Step 6 – Get over to the east side of Essex County and visit Weequahic Lake and Newark Sound. Try to pick up another dozen or so birds like gulls, terns, waterfowl, and shorebirds.
Step 7 – Long drive to Hilltop Reservation. Try to have a driver like Alex who drives like their grandmother if their grandmother was a grand prix driver. Just close your eyes and pretend to sleep in the back seat. Arrive at Hilltop adrenalinized from the drive. Look for soaring raptors like the Broad-winged Hawk. Try to pick up any missing passerines.
Step 8 – Return to favorite hotspot of Step 3 and try to get last of missing passerines. We got our absent Swainson’s Trush and Eastern Wood-Pewee.
Step 9 – Sundown at a small pond where there is supposed to be a nesting Eastern Screech-Owl. Don’t hear any owls. Do get so totally distracted by the young Northern Flying Squirrel (doesn’t count because it’s not a bird) that we almost miss bird # 118 as a Green Heron flies by.
Step 10 – Stop birding at 8:00pm because that was 20 hours of birding. Return to Arboretum. Take an hour to write up report and email to NJ Audubon and submit tally on eBird. Step 11 – Go home and sleep.

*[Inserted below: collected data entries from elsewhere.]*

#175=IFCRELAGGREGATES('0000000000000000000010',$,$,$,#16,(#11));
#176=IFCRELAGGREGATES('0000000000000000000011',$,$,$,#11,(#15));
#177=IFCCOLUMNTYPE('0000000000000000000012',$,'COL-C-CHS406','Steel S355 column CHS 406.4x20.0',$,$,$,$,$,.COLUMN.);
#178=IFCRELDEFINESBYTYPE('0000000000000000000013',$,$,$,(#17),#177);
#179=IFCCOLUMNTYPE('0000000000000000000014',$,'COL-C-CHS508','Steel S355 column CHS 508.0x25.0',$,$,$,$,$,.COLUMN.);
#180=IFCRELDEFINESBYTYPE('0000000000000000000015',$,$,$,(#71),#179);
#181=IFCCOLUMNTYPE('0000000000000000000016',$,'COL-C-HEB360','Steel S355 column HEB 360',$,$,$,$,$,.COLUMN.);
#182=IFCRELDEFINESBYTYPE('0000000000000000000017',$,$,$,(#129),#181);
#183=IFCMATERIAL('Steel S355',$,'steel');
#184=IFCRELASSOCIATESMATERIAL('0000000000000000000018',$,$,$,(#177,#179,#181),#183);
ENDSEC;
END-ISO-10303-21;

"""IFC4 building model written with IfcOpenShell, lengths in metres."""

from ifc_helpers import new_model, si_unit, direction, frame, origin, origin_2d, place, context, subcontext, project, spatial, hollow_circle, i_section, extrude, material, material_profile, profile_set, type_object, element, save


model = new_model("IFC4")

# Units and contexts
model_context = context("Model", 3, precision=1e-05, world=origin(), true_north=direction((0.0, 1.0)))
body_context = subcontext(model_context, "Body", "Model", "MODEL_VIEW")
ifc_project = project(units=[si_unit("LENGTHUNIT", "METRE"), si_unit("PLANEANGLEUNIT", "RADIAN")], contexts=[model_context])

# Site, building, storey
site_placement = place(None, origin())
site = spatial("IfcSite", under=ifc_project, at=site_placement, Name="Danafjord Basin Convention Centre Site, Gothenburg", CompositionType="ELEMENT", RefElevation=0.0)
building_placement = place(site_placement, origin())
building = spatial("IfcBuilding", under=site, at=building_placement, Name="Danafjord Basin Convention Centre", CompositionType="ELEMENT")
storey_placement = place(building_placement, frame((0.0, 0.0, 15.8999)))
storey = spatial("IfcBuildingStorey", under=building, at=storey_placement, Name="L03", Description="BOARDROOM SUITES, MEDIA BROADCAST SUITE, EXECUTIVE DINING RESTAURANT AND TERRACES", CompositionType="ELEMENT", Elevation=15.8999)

The 2024 WSB was in most ways similar to our past series. There were birds we were surprised to miss like Cedar Waxwing and Common Loon. We also got birds that were a complete surprise like the Horned Grebe and Clapper Rail. What was completely new was that we won this year’s LGA category. Our 118 birds put us at 91.5% of par. Par is the sliding scale that NJ Audubon uses to help put all the teams in the LGA category on an even playing field. 118 birds would not be a very impressive score in Atlantic (184 par), Cumberland (174), or Ocean County (185). But 118 birds in Essex County whose par is 129… well that is a good score. Good enough to come in 1st place. Apparently, we even get a trophy. I didn’t know that because this is the first time I’ve ever been on a 1st place team.
So many thanks to Wendi and Jenna for that epic 20-hour birding tour and for having the good grace to say it was fun. And many thanks to drivers Marguerite (please don’t drive us into a ditch again), Shannyn (you say “bird” as if it was spelled “burd”), Jackie (“Go ahead and put your muddy feet on the seats. I don’t care, it’s my husband’s car”), and Alex (he’s driving like he wants to get this done really quickly) for getting us where we needed to go with poise and kindness. And heartfelt thanks to all our supporters who donated to the cause. Each and every donation does help make life a little easier for the birds of Essex County.